- Born: Ampika Fawcett 23 July 1981 (age 45) Oldham, England
- Occupations: Television personality, businesswoman
- Spouse: Mark Pickston
- Partner: David Sullivan
- Children: 1

= Ampika Pickston =

British reality TV star (born 1981)

Ampika Pickston (born 23 July 1981) is an English model, reality TV star and business owner. She starred in The Real Housewives of Cheshire from 2015 to 2017. Pickston is the CEO of Ampika's Aesthetics, a training school based in Hale, Greater Manchester, which teaches aesthetic procedures.

== Early life ==
Pickston was born in Oldham, Lancashire, and grew up in Shaw, Lancashire, where she was raised by her grandfather, William Fawcett. Her father, Paul Fawcett, worked for British Telecom during her early years. Pickston attended Rishworth School. Her mother, whose surname is Yachan, is Thai.

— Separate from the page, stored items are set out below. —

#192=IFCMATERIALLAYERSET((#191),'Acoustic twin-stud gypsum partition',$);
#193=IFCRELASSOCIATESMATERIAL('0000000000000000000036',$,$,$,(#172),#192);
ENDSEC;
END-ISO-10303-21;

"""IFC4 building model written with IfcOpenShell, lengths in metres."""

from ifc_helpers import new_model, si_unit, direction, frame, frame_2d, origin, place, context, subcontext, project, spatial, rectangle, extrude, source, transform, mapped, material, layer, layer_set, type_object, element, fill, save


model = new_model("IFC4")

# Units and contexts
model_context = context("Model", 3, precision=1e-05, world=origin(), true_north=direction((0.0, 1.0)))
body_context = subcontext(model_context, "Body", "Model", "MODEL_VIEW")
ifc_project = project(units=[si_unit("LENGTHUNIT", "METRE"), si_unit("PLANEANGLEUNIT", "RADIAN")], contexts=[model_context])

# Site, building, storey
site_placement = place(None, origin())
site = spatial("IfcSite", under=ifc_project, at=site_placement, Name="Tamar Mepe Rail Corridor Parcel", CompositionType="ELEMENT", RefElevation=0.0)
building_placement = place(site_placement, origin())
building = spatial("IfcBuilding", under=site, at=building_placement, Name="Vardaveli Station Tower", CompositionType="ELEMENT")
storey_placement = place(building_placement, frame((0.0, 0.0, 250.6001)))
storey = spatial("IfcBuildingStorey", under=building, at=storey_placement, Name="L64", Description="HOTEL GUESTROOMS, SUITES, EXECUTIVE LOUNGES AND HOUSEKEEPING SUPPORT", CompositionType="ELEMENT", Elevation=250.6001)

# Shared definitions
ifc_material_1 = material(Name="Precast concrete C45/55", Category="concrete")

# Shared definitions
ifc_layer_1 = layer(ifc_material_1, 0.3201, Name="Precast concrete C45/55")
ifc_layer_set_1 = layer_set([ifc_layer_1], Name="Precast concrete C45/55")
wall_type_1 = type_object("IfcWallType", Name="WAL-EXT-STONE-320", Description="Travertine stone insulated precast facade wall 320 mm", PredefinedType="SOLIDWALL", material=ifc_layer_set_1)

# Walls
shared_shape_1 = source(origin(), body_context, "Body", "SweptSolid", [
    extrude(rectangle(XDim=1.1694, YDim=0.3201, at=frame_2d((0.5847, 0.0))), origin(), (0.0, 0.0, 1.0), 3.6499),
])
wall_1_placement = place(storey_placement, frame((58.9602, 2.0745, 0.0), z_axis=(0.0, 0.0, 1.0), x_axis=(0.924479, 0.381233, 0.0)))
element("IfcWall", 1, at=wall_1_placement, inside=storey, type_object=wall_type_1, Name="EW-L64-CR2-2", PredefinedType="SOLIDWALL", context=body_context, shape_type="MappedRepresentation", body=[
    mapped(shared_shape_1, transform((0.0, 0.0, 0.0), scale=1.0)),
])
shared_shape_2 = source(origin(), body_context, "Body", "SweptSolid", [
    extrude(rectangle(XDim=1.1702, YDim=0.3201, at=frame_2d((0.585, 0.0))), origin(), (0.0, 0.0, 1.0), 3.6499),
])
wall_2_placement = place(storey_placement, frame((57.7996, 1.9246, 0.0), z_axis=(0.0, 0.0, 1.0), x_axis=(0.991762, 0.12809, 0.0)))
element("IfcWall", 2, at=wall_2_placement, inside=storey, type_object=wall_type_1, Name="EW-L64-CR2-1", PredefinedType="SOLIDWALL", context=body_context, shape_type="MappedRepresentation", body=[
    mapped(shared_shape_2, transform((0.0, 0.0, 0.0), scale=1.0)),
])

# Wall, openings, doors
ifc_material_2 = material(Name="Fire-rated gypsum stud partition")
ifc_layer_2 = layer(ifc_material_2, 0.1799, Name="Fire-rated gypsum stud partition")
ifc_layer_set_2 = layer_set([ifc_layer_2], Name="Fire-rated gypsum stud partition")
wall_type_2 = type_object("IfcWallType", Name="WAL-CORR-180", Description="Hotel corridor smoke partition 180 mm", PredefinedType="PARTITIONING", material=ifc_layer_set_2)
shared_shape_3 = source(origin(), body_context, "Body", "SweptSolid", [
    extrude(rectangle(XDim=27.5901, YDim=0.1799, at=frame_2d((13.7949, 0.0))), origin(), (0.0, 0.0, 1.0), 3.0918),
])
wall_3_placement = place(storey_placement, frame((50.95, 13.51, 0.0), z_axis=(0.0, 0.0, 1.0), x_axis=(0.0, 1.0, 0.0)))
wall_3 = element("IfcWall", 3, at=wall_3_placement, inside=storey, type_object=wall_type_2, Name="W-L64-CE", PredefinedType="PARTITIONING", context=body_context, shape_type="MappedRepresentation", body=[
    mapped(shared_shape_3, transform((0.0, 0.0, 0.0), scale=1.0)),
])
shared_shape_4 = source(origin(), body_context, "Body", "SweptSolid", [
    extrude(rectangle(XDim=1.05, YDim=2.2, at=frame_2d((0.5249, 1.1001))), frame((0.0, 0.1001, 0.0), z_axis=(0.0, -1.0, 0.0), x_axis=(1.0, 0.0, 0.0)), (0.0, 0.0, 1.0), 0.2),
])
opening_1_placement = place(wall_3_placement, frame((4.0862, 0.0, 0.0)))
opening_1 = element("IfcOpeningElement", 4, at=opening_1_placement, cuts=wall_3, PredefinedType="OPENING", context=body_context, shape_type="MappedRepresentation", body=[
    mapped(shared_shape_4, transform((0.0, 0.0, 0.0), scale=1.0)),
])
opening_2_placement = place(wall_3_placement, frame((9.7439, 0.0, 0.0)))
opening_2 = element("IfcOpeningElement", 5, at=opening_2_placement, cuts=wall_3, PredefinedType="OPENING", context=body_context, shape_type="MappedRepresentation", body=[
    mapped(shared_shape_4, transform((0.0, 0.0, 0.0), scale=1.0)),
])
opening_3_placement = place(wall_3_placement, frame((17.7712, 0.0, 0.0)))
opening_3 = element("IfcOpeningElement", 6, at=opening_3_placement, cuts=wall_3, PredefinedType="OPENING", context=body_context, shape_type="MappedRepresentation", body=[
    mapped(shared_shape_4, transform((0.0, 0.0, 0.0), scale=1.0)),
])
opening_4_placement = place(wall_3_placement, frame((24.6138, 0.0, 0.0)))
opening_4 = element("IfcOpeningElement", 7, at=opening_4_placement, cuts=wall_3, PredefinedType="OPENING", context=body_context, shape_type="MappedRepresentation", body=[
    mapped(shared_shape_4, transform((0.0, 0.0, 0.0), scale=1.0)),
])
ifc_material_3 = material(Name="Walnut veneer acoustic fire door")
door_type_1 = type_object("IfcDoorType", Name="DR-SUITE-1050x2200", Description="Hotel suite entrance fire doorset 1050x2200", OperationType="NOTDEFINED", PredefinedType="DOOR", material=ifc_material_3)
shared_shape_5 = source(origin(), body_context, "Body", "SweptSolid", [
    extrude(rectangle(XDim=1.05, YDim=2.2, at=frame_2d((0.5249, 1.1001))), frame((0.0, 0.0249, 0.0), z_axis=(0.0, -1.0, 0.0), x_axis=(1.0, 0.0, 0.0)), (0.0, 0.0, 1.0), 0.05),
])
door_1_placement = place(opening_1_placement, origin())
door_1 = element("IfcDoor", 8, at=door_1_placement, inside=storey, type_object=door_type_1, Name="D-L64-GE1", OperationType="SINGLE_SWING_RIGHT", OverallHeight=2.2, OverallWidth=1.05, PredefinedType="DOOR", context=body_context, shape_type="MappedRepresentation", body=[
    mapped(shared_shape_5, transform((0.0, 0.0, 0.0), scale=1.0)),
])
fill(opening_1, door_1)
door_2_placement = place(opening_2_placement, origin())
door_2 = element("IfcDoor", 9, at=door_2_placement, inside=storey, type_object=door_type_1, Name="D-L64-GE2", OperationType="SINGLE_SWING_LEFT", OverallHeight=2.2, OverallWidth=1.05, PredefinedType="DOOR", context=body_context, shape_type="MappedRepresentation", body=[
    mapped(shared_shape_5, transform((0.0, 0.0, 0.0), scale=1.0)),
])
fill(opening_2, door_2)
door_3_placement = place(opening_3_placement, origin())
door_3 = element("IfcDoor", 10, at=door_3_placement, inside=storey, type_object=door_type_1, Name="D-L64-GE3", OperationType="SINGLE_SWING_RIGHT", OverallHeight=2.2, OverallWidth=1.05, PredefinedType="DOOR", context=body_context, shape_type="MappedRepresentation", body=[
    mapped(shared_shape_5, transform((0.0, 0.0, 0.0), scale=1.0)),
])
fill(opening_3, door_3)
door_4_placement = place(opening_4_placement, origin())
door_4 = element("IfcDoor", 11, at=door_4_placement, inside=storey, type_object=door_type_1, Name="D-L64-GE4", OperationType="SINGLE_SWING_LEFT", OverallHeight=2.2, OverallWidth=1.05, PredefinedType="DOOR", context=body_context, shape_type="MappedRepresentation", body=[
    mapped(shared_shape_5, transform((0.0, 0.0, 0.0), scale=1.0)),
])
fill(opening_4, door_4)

== The Real Housewives of Cheshire ==
In January 2015, the British reality TV series The Real Housewives of Cheshire debuted with Pickston, Leanne Brown, Magali Gorré, Tanya Bardsley, Lauren Simon and Dawn Ward. A British adaptation of the long-running American franchise The Real Housewives, the series follows the lives of a group of wealthy women in Cheshire. Pickston left the show at the end of fifth series, in 2017, after appearing in 55 episodes and three reunions. Pickston returned to the show in a guest capacity in the sixteenth series (2023) and featured in a recurring capacity for the seventeenth series (2024). The eighteenth series (2025) celebrated ten years of the show, which Pickston appeared in. Pickston returned to the show in a full-time role from the nineteenth series, in 2026.

Pickston won the Best Female Personality Award at the Sixth Annual National Reality TV Awards.

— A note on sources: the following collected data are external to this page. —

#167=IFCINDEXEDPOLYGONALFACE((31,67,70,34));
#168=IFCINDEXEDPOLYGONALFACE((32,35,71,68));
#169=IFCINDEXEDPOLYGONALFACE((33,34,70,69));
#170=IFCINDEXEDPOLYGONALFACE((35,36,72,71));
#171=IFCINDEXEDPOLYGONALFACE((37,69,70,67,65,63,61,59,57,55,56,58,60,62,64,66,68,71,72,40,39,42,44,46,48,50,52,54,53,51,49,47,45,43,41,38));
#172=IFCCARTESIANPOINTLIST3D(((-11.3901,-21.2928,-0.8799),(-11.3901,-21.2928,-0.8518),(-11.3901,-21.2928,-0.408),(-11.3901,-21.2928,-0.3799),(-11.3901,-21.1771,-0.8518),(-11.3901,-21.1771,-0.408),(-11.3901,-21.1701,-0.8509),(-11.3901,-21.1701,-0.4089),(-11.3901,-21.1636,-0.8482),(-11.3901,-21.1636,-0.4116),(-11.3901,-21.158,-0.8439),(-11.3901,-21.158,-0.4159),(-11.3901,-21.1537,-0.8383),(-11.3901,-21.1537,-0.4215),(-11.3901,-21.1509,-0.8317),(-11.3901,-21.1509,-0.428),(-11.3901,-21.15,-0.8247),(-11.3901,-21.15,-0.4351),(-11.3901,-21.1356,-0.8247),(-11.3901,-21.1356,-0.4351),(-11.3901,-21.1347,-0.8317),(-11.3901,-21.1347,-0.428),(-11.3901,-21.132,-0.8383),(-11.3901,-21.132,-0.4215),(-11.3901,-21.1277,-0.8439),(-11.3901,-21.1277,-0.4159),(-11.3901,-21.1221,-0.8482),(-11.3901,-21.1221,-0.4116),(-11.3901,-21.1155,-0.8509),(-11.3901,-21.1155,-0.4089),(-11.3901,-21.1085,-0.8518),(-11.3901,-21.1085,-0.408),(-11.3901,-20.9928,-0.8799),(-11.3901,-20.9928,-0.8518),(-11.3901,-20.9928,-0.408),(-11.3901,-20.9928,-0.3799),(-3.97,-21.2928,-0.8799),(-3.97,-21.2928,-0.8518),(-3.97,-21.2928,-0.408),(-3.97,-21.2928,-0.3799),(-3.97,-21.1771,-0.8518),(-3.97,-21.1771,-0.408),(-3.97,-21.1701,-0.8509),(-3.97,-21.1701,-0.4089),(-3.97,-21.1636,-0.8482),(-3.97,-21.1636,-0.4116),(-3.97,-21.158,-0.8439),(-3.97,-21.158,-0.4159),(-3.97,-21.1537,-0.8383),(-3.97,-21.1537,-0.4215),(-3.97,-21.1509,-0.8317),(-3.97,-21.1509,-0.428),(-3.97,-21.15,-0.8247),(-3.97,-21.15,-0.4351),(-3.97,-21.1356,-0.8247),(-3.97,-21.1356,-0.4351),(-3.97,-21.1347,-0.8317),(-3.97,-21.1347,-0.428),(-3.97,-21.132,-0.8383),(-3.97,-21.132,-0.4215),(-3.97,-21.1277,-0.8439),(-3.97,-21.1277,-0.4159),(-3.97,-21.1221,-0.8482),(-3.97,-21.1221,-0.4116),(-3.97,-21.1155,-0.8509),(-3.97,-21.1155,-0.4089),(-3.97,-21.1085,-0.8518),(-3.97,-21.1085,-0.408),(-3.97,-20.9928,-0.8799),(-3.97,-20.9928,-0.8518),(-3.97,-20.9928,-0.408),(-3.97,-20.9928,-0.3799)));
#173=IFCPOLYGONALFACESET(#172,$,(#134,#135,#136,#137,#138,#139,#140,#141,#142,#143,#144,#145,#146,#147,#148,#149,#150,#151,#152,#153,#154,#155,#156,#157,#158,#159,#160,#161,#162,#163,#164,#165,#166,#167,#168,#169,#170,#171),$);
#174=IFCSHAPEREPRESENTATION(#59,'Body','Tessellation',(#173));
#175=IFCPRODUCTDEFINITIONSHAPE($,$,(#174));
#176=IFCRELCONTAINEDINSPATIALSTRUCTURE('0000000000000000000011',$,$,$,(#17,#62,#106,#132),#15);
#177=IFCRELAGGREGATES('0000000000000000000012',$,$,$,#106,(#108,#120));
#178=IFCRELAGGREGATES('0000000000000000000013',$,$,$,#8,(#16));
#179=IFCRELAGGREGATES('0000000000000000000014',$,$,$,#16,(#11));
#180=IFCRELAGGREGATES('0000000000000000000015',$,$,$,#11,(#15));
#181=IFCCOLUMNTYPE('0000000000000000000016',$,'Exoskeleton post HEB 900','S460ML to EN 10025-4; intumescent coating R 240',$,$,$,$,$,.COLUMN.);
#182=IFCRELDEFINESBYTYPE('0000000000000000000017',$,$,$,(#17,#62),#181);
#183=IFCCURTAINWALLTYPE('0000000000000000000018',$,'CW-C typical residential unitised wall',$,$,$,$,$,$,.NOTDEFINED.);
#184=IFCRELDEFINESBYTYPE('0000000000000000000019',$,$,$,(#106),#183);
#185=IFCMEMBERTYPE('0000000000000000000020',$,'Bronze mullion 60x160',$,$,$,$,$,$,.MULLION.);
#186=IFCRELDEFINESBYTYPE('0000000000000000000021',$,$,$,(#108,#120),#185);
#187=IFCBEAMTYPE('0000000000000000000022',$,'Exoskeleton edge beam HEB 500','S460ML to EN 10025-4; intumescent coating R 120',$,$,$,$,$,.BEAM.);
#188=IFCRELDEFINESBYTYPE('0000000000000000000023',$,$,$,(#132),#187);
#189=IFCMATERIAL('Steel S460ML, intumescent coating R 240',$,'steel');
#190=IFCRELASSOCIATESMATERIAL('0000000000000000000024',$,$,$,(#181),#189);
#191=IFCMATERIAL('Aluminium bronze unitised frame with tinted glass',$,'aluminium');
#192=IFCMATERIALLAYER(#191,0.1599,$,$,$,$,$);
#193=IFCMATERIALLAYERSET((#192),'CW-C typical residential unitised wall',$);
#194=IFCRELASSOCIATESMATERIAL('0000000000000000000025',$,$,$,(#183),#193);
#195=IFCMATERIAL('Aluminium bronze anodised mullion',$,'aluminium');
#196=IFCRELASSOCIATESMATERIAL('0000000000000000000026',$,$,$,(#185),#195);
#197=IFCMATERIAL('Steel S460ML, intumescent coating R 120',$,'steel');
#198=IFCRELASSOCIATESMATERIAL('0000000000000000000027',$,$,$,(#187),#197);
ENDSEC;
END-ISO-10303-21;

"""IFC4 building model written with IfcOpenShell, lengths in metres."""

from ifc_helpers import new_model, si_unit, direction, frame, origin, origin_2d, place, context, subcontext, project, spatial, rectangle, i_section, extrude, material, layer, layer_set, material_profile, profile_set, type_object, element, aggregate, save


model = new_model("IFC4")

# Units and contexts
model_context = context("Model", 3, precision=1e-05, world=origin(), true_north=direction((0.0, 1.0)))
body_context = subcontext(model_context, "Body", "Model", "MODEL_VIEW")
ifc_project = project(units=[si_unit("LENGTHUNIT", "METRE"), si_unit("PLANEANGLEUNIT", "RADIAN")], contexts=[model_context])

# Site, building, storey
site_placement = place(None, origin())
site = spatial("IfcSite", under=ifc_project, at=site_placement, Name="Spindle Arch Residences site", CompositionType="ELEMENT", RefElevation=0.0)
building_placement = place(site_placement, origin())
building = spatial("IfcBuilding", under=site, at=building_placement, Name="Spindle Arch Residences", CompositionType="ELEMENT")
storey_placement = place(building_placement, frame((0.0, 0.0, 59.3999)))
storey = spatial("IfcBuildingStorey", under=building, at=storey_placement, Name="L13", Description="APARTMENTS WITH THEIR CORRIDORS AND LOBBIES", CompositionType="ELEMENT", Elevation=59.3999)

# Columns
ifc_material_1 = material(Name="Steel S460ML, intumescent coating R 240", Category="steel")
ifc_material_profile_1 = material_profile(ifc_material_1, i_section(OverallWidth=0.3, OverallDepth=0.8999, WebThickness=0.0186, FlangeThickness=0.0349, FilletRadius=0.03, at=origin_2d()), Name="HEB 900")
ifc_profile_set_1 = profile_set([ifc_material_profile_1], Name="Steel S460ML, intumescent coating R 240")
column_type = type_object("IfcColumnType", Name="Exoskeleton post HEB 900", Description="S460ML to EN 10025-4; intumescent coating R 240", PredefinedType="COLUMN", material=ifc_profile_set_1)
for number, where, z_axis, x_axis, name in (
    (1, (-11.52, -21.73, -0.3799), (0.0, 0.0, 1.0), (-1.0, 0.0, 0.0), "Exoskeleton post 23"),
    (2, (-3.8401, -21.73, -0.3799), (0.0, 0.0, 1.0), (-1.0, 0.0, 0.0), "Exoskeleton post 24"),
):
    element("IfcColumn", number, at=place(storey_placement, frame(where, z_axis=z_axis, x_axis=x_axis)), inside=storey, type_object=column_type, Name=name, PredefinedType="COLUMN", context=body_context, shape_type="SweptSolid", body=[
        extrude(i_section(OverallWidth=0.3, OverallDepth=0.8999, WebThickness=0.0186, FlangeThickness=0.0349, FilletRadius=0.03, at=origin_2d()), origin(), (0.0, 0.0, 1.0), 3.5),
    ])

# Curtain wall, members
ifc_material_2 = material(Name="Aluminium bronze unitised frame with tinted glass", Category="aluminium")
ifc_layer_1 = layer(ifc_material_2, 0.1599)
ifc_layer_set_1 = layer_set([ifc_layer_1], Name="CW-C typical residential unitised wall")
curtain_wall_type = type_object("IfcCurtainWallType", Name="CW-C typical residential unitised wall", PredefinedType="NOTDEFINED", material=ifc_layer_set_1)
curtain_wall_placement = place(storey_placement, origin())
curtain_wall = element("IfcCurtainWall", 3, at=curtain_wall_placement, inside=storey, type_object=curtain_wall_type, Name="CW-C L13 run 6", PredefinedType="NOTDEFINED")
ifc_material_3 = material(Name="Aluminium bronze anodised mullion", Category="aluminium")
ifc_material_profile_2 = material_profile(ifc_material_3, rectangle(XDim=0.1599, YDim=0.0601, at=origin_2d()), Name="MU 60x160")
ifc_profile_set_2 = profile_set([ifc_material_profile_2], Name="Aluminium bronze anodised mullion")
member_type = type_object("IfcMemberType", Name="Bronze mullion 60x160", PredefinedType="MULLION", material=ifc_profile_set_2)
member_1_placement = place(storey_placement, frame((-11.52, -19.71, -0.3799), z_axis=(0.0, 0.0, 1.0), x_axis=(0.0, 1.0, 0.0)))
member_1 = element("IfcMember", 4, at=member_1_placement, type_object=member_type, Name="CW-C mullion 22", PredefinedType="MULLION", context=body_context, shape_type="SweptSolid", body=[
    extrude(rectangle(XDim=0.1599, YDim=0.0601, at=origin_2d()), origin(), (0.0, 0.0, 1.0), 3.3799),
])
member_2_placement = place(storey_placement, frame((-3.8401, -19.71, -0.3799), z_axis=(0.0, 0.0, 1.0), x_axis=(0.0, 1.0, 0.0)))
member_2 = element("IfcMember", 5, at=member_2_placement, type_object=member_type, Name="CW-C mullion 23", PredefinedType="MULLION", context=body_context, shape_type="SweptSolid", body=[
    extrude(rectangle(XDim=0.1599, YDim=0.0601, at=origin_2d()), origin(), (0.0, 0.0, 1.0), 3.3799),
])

== Other television appearances ==
Pickston has appeared on Celebrity Ghost Hunt Live, broadcast on Channel 5 in 2017 alongside Love Island contestant Chris Hughes. She also took part in a cooking mini series for ITVBe, and an episode of Rich House Poor House for Channel 5.

==Modelling==
In 2020, Pickston joined OnlyFans as a content creator.

==Business career==

=== Ampika's Aesthetics ===
Pickston is the founder and CEO of Ampika's Aesthetics, a cosmetic training business with schools in Hale, Edinburgh, Bristol, Newcastle and London's Harley Street. It was founded in 2019. The training academy offers aesthetic and cosmetic training for beginners and medical professionals to gain experience and CPD accreditation. It is regulated by OFQUAL through Qualifi.

=== AP Care Homes ===
Pickston is the Director of AP Care Homes, a company based in the North West of England which provided residential care for children. The home catered for the needs of children aged 12-16 with emotional and behavioural difficulties. It was a long term solution for vulnerable children. It employed a registered manager, deputy manager and seven full time key workers. Following an inspection on 16 and 17 November 2023, Ofsted concluded AP Care Homes Limited had "serious and/or widespread failures that mean children and young people are not protected or their welfare is not promoted or safeguarded and the care and experiences of children and young people are poor and they are not making progress". Ofsted inspectors said that Pickston had overseen the management of the home but "did not have the skills and experience" to run it in line with children's home regulations. It was also found that Pickston took one child to her home and, after an internal investigation found that “professional boundaries had been blurred”, she allegedly offered to do it again three weeks later. The home closed in December 2023 after Ofsted issued a notice suspending the registration of the home.

=== Skinny Revolution ===
Pickston founded Skinny Revolution to help people to lose weight after she gained 7 stone in 14 months, partly whilst pregnant, using a Wegovy (semaglutide) injection, which is a 2.4 mg injectable prescription medicine used as an appetite suppressant.

== Personal life ==
Pickston is engaged to former West Ham United co-chairman David Sullivan. She has a son, Jake, with her former husband Mark Pickston.

She lives in Hale Barns, in the house which was filmed for the Real Housewives of Cheshire episodes that she appeared in.